Pete Hawkins undergoes testing
Photo: Dave Tune

Technology and running for most of us go hand-in-hand, with our phones strapped to our arms or some form of GPS watch on our wrist.  I’m sure I’m not unique in my cool-down session usually comprising half an hour poring over my Strava stats.  It wasn’t until I started to follow an intermediate half marathon training programme I’d downloaded from Garmin that I began to question myself as to why.   In the three years I’d been running, I hadn’t improved on my 10K PB I’d achieved in early 2013.  Either tempus was fugiting (Tempus fugit) rather quicker or my training was all wrong.  And all this tech was actually proving to be worthless.

So one afternoon, whilst Sue J was ripping a muscle in two, I asked through gritted teeth about Blizzard Physiotherapy and Dave Tune.  Nigel having been to see Dave before, Sue’s enthusiasm was enough, I went home and booked a Blood Lactate Test with Dave, a former GB International.

Treading carefully

The day arrived and I set off for Dave’s clinic near Bawtry.  Expecting to get straight onto the treadmill, I was somewhat surprised that I had an hour to wait for the torture to begin.  The first hour was spent by Dave trying to prise out of my brain just why I ran, what I thought I could achieve and a little about my pure, non-hedonistic lifestyle. (Dave sends out a form to fill in prior to the session which includes a section on diet.  I was honest..  although the three days worth of food I’d eaten prior was totally atypical to my usual relatively good one….  Dave’s advice here was to eat better!  Such is honesty

So the torture began with a few basic measurements, height, weight, stretchability (I failed by reaching 15cm which is zero on Dave’s Stretchability Scale!) and lung function (here I passed with flying colours notching up a “best I’ve ever seen in three years of doing these tests” comment!)

And then the treadmill.  The plan was to start slowly and every three minutes to take a small blood sample from the thumb and then up the speed to the next level.  Off we set, casually chatting about this, that and the other, as Dave vampired my thumb and he upped the speed.  Soon the chatting became more one-sided as I concentrated on staying on the treadmill and breathing; I’ve never been too good at multi-tasking.

With shouts of encouragement, I saw the test through to the bitter end, and fell off the treadmill to be sent for a shower and a cuppa, before Dave gave me the preliminary results. With words of encouragement – I bet he says that to everyone – he went through the results and what they meant.  Confirmation came of what, if I’d thought about it, I’d known already: my speed, for an old git, wasn’t bad but my stamina was pretty lousy.  His analysis was that I was built to run up to 10K (so why I had a booked 5 half marathons in that year?)

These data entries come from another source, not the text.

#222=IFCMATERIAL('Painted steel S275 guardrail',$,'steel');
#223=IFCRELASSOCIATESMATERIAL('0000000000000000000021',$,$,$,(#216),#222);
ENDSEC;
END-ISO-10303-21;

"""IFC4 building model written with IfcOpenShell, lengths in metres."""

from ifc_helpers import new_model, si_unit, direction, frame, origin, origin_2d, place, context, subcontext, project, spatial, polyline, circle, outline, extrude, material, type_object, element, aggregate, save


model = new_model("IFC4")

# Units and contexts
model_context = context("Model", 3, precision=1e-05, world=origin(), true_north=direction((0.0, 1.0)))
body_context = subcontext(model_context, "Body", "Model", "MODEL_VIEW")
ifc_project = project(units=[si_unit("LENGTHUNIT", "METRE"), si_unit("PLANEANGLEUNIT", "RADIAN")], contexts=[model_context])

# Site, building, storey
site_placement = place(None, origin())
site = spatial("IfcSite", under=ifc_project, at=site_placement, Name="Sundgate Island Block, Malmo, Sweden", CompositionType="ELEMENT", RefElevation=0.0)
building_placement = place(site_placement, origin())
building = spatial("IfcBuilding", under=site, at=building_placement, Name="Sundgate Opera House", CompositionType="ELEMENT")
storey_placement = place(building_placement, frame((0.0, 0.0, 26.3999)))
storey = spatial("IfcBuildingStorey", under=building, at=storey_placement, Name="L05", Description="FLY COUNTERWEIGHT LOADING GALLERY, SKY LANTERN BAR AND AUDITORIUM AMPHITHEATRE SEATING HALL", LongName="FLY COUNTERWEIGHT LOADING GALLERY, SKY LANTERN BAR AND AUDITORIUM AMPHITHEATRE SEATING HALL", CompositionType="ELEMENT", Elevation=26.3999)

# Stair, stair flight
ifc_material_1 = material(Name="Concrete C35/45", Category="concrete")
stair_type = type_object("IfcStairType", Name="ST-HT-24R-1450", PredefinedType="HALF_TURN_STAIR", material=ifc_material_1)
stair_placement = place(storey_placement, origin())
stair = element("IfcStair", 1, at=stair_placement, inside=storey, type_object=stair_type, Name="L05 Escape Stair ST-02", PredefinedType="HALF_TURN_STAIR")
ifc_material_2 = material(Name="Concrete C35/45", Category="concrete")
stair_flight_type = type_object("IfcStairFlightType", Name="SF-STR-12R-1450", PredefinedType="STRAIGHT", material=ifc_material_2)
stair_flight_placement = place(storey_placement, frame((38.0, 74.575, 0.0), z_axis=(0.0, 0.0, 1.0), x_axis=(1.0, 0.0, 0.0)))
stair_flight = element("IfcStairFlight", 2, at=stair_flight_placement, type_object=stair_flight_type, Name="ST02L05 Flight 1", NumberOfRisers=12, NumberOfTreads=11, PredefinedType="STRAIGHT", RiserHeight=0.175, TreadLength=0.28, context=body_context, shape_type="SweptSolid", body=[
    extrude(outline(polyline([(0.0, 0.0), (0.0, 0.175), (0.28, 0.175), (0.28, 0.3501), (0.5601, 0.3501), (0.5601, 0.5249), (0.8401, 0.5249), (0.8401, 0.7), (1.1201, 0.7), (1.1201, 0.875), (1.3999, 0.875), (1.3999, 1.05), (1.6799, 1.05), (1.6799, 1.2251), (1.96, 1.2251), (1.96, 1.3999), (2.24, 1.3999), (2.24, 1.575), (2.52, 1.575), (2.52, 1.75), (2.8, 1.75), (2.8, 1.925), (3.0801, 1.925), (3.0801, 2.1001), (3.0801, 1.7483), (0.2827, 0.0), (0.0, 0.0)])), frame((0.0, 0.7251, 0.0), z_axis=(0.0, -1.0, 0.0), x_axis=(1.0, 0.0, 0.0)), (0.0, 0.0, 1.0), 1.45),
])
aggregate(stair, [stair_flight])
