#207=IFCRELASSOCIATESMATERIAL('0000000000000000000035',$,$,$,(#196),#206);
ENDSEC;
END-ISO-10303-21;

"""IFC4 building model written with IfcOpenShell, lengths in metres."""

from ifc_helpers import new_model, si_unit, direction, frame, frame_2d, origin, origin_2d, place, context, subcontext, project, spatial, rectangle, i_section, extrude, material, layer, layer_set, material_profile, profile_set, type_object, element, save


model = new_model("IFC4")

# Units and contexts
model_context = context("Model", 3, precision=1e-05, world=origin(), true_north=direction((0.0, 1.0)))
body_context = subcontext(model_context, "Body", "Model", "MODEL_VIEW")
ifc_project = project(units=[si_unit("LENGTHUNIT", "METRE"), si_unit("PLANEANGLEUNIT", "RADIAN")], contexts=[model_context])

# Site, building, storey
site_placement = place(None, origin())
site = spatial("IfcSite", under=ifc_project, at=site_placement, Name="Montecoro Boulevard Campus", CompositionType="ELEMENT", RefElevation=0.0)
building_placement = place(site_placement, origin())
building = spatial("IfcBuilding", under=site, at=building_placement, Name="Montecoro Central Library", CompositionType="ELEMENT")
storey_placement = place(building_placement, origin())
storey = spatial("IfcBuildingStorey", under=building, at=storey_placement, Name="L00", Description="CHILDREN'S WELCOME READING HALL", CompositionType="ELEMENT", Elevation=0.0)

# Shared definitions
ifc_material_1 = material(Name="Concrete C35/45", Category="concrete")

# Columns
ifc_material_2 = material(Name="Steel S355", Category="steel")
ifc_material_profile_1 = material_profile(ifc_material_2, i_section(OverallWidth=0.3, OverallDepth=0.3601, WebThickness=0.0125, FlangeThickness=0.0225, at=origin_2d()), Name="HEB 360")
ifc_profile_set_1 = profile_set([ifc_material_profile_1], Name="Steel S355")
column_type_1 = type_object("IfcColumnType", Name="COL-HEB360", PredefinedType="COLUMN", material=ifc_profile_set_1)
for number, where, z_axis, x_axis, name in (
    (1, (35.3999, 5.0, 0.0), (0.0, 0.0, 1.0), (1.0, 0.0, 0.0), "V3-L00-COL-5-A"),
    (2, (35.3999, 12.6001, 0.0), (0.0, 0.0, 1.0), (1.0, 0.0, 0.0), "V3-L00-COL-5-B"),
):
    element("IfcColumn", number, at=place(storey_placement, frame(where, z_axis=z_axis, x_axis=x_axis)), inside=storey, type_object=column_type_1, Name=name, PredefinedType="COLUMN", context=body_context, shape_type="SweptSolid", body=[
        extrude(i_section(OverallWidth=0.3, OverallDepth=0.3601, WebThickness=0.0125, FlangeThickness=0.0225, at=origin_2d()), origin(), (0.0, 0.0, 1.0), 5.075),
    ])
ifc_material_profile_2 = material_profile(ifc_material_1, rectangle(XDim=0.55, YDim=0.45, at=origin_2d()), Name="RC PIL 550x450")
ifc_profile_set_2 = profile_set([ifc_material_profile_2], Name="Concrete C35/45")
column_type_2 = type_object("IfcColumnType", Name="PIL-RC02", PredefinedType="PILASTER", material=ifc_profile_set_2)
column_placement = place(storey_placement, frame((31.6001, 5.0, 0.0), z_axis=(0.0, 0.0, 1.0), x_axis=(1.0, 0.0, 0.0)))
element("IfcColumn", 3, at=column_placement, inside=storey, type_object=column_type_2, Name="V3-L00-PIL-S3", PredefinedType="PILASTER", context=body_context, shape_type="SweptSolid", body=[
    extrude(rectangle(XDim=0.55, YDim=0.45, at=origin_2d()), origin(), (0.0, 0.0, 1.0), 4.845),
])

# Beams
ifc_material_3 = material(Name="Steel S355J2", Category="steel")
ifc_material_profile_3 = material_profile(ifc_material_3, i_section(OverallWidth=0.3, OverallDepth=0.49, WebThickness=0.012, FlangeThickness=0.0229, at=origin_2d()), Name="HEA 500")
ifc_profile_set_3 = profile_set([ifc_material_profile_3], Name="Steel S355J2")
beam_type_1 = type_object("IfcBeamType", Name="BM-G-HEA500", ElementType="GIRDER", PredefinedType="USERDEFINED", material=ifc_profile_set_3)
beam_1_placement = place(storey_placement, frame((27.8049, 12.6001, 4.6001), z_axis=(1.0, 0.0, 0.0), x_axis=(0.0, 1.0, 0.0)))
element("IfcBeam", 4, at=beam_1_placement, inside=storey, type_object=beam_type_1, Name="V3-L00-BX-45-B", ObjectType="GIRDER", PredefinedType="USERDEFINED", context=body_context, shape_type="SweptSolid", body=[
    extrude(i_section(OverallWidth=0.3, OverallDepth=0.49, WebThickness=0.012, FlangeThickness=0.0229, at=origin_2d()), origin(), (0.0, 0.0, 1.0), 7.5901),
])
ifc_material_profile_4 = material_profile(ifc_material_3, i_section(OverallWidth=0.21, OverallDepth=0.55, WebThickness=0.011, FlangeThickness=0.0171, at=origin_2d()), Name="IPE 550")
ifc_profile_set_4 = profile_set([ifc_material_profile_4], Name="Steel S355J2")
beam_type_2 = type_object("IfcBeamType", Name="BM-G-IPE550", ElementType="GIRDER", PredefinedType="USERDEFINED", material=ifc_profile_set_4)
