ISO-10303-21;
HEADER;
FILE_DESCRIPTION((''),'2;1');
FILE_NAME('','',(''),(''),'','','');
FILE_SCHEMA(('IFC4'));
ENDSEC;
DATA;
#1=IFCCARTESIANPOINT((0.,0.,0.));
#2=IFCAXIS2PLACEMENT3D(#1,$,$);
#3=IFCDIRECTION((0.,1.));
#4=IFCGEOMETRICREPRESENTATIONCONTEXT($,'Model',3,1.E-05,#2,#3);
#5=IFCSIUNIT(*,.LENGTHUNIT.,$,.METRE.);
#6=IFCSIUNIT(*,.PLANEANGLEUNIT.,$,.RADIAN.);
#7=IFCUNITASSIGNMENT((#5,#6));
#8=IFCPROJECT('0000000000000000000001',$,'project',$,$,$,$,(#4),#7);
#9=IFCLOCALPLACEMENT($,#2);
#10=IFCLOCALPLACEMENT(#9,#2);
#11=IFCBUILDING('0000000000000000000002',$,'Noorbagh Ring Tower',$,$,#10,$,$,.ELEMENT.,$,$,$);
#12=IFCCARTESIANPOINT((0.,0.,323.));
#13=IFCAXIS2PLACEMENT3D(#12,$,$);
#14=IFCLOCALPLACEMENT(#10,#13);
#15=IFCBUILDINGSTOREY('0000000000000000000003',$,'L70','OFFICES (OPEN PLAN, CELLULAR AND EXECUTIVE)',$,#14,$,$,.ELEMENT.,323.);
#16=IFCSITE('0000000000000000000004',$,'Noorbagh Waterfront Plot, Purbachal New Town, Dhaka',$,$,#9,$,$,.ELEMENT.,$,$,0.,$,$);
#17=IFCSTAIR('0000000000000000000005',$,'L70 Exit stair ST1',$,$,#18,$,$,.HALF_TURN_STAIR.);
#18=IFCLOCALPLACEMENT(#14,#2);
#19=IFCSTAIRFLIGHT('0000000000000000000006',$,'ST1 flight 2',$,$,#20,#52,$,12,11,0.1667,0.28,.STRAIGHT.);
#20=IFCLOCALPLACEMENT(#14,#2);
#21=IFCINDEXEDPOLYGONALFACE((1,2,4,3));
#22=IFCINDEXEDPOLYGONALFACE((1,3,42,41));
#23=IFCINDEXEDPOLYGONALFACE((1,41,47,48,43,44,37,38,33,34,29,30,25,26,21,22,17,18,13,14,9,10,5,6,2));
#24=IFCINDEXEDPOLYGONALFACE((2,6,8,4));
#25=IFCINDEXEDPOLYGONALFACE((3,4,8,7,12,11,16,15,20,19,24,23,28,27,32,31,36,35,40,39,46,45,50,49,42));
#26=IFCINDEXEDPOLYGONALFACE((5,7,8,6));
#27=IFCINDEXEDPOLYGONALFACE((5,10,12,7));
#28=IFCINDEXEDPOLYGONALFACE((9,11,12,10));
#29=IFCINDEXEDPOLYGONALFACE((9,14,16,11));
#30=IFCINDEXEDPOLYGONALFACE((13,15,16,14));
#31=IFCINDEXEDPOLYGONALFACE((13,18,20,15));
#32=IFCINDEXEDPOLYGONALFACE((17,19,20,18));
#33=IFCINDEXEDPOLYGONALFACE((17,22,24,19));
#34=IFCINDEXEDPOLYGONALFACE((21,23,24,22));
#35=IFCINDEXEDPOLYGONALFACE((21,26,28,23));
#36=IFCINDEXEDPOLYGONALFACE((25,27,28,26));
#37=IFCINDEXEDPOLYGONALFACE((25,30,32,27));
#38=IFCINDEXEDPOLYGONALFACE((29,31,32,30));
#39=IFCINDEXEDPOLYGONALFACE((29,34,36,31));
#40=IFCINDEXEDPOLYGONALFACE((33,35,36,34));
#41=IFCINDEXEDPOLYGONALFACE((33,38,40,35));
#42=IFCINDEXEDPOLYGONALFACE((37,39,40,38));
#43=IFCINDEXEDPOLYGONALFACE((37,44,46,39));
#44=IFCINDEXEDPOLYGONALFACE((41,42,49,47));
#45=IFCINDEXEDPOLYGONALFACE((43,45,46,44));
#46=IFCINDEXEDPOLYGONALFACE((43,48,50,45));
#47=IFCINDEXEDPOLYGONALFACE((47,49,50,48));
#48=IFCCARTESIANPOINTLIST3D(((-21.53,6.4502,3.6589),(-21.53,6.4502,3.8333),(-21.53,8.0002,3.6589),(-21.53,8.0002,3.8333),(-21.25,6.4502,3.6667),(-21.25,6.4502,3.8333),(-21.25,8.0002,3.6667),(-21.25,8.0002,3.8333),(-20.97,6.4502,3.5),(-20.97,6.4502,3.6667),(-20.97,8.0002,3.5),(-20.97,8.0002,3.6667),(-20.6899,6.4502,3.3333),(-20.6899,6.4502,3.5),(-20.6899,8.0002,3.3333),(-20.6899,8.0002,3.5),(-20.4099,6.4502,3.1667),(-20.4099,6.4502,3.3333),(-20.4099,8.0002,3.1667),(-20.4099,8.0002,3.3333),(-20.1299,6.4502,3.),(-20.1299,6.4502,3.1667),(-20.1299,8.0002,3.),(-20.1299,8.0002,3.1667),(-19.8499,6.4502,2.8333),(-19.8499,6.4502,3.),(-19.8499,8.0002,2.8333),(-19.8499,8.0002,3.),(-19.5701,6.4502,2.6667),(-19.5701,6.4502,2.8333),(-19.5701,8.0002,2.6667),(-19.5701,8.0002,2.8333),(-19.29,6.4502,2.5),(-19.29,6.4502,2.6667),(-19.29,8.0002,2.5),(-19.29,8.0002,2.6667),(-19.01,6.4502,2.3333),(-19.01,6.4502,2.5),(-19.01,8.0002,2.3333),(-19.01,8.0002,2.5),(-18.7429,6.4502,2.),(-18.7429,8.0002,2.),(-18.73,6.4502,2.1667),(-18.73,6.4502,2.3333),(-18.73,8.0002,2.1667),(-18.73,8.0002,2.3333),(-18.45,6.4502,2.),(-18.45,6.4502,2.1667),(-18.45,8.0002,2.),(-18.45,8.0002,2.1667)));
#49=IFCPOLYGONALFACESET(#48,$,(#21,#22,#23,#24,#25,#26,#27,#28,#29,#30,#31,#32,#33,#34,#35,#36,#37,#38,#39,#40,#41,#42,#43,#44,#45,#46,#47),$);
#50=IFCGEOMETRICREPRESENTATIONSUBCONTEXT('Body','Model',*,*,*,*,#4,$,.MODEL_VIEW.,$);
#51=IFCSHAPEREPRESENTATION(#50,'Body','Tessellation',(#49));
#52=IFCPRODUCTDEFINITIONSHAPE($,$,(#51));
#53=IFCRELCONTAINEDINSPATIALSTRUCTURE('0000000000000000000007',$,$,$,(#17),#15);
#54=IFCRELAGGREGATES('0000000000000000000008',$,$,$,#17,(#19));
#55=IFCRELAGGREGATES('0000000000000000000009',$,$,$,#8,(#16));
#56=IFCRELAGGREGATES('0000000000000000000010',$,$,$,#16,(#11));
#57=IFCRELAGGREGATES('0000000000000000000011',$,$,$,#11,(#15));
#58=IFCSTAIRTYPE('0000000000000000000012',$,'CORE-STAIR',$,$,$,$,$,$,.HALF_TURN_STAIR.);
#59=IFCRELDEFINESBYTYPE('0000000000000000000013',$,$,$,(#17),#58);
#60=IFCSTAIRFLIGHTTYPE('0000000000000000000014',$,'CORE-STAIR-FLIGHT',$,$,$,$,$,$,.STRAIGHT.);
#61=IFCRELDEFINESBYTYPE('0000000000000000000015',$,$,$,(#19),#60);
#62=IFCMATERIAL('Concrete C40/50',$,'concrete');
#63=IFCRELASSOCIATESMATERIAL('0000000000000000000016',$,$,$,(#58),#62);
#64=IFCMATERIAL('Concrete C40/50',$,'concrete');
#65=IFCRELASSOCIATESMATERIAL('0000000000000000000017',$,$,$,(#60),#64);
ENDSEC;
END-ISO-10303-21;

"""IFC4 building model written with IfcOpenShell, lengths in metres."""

from ifc_helpers import new_model, si_unit, direction, frame, origin, place, context, subcontext, project, spatial, polyline, outline, extrude, material, type_object, element, aggregate, save


model = new_model("IFC4")

# Units and contexts
model_context = context("Model", 3, precision=1e-05, world=origin(), true_north=direction((0.0, 1.0)))
body_context = subcontext(model_context, "Body", "Model", "MODEL_VIEW")
ifc_project = project(units=[si_unit("LENGTHUNIT", "METRE"), si_unit("PLANEANGLEUNIT", "RADIAN")], contexts=[model_context])

# Site, building, storey
site_placement = place(None, origin())
site = spatial("IfcSite", under=ifc_project, at=site_placement, Name="Noorbagh Waterfront Plot, Purbachal New Town, Dhaka", CompositionType="ELEMENT", RefElevation=0.0)
building_placement = place(site_placement, origin())
building = spatial("IfcBuilding", under=site, at=building_placement, Name="Noorbagh Ring Tower", CompositionType="ELEMENT")
storey_placement = place(building_placement, frame((0.0, 0.0, 323.0)))
storey = spatial("IfcBuildingStorey", under=building, at=storey_placement, Name="L70", Description="OFFICES (OPEN PLAN, CELLULAR AND EXECUTIVE)", CompositionType="ELEMENT", Elevation=323.0)

# Stair, stair flight
ifc_material_1 = material(Name="Concrete C40/50", Category="concrete")
stair_type = type_object("IfcStairType", Name="CORE-STAIR", PredefinedType="HALF_TURN_STAIR", material=ifc_material_1)
stair_placement = place(storey_placement, origin())
stair = element("IfcStair", 1, at=stair_placement, inside=storey, type_object=stair_type, Name="L70 Exit stair ST1", PredefinedType="HALF_TURN_STAIR")
ifc_material_2 = material(Name="Concrete C40/50", Category="concrete")
stair_flight_type = type_object("IfcStairFlightType", Name="CORE-STAIR-FLIGHT", PredefinedType="STRAIGHT", material=ifc_material_2)
stair_flight_placement = place(storey_placement, frame((-18.45, 7.2251, 2.0), z_axis=(0.0, 0.0, 1.0), x_axis=(-1.0, 0.0, 0.0)))
stair_flight = element("IfcStairFlight", 2, at=stair_flight_placement, type_object=stair_flight_type, Name="ST1 flight 2", NumberOfRisers=12, NumberOfTreads=11, PredefinedType="STRAIGHT", RiserHeight=0.1667, TreadLength=0.28, context=body_context, shape_type="SweptSolid", body=[
    extrude(outline(polyline([(0.0, 0.0), (0.0, 0.1667), (0.28, 0.1667), (0.28, 0.3333), (0.5601, 0.3333), (0.5601, 0.5), (0.8401, 0.5), (0.8401, 0.6667), (1.1201, 0.6667), (1.1201, 0.8333), (1.3999, 0.8333), (1.3999, 1.0), (1.6799, 1.0), (1.6799, 1.1667), (1.96, 1.1667), (1.96, 1.3333), (2.24, 1.3333), (2.24, 1.5), (2.52, 1.5), (2.52, 1.6667), (2.8, 1.6667), (2.8, 1.8333), (3.0801, 1.8333), (3.0801, 2.0), (3.0801, 1.6589), (0.293, 0.0), (0.0, 0.0)])), frame((0.0, 0.7749, 0.0), z_axis=(0.0, -1.0, 0.0), x_axis=(1.0, 0.0, 0.0)), (0.0, 0.0, 1.0), 1.55),
])
aggregate(stair, [stair_flight])

save(model, "model.ifc")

So what to do with the stamina? Dave gave me a six-day a week programme of essentially endurance training, staying within a narrow heart rate zone (144-151) which would build the stamina and endurance.  Still sweating profusely, despite the shower (that’s what Strava is for, see, to cool down!) I headed out into the brave new dawn of structured intelligent training, dreaming about those PBs that would come tumbling and of the 1hour 30 half marathon Dave said was achievable.

Did it work?

Determined not to waste my two hour consultation and the fee (I am from Yorkshire after all), I dutifully programmed my watch for the different training days and embarked on the programme.  I found it very difficult to stay in the HR zone, and when I did,  I was overtaken by more than one snail, I was so slow.  Sometimes I failed totally and other times I seemed to manage.  Things seemed to be slowly progressing but then disaster struck.  Whether it was running six days a week or just bad timing I don’t know, but my knee decided it needed some time out and I had to hang up the running shoes for two months, missing one-half and abandoning another, just 4km into the run.  Once back running, I felt like I was starting again, not just the endurance training but running.  Since then I have shaved time off the last three runs I’ve done: the Great North, Paris-Versailles and the Shelton Striders 10K, the latter being a 10K PB too.

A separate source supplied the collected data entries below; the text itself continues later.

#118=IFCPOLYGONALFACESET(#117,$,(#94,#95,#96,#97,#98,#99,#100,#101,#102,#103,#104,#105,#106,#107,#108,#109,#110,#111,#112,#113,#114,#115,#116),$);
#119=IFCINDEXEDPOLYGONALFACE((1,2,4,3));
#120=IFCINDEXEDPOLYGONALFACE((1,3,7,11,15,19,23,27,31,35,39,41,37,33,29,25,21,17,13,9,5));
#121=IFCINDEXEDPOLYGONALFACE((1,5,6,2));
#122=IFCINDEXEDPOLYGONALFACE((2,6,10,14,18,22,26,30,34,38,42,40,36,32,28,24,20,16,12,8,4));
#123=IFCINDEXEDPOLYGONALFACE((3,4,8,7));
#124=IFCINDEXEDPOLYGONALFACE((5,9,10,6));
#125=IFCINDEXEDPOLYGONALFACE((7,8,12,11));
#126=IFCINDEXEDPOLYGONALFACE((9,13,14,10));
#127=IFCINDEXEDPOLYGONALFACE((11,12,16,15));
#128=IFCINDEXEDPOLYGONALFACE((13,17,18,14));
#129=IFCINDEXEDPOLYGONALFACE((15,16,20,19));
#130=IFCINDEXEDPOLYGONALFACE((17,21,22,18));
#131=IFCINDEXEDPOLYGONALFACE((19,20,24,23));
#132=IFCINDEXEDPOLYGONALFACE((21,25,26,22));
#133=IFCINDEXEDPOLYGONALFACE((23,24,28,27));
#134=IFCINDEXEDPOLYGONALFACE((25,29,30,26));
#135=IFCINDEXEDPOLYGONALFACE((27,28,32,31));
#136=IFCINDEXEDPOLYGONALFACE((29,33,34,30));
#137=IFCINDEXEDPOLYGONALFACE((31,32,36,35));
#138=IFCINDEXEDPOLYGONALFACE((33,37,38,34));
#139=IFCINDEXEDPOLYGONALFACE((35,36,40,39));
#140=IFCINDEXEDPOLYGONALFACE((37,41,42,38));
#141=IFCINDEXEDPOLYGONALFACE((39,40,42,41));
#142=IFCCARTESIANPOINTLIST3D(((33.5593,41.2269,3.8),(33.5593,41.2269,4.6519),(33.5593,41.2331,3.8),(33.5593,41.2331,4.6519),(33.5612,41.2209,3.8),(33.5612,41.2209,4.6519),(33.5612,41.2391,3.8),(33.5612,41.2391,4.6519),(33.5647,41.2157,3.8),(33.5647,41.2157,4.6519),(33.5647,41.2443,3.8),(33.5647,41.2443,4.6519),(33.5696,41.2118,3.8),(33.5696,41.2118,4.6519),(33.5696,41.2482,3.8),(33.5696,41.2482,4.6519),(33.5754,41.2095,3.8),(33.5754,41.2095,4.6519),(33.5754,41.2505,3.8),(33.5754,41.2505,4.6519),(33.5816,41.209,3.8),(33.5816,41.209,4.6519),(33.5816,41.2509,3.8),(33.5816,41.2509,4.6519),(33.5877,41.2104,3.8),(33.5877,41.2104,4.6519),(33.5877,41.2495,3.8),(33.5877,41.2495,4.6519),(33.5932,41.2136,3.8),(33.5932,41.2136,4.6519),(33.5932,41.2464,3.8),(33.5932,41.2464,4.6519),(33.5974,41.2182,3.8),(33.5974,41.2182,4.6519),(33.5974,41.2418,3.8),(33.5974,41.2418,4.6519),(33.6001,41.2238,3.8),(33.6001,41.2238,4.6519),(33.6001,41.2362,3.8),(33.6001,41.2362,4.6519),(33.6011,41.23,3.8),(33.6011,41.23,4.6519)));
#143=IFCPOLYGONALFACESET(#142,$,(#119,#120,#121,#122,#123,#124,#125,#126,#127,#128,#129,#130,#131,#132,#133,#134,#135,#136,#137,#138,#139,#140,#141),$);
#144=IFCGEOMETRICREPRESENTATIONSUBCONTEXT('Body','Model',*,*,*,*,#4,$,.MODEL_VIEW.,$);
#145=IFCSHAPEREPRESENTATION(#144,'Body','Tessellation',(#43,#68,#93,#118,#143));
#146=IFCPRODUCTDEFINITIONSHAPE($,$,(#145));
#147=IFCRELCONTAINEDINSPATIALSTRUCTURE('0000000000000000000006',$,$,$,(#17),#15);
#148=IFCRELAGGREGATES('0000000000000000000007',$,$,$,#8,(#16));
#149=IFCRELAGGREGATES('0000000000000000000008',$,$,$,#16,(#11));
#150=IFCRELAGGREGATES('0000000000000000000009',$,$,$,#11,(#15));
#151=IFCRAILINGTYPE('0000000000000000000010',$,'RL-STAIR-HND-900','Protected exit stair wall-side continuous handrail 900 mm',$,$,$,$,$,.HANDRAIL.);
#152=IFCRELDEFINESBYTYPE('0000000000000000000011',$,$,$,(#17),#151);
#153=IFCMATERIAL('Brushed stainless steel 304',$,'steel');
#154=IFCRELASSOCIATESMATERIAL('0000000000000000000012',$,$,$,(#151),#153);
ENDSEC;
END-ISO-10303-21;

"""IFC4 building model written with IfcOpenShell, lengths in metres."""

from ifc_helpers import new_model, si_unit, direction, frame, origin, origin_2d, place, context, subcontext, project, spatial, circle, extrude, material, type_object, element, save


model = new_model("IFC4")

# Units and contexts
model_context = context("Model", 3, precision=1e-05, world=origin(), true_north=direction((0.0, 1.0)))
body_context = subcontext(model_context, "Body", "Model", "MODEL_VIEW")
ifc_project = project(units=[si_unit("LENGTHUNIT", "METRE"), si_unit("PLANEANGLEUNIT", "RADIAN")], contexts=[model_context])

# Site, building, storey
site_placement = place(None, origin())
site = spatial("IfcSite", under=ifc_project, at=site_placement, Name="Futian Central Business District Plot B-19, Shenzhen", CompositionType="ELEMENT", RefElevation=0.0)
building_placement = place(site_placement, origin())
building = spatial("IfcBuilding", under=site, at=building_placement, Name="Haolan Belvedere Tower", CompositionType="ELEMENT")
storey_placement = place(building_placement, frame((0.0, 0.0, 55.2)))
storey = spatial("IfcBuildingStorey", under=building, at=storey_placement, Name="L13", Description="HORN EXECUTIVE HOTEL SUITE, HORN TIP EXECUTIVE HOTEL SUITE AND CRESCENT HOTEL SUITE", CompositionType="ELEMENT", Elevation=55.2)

So was it worth the investment?  A big fat yes, if only because it made me think about my running more and gave me a structure to work to.  To get the most out of it, I think i need to go back and see how the HR zones have changed (if) and to adjust the training accordingly.  With the London Marathon looming ever larger over the horizon too, my endurance certainly needs working on still.  A half marathon is one thing, but doubling the distance and still being able to smile at the end is something else.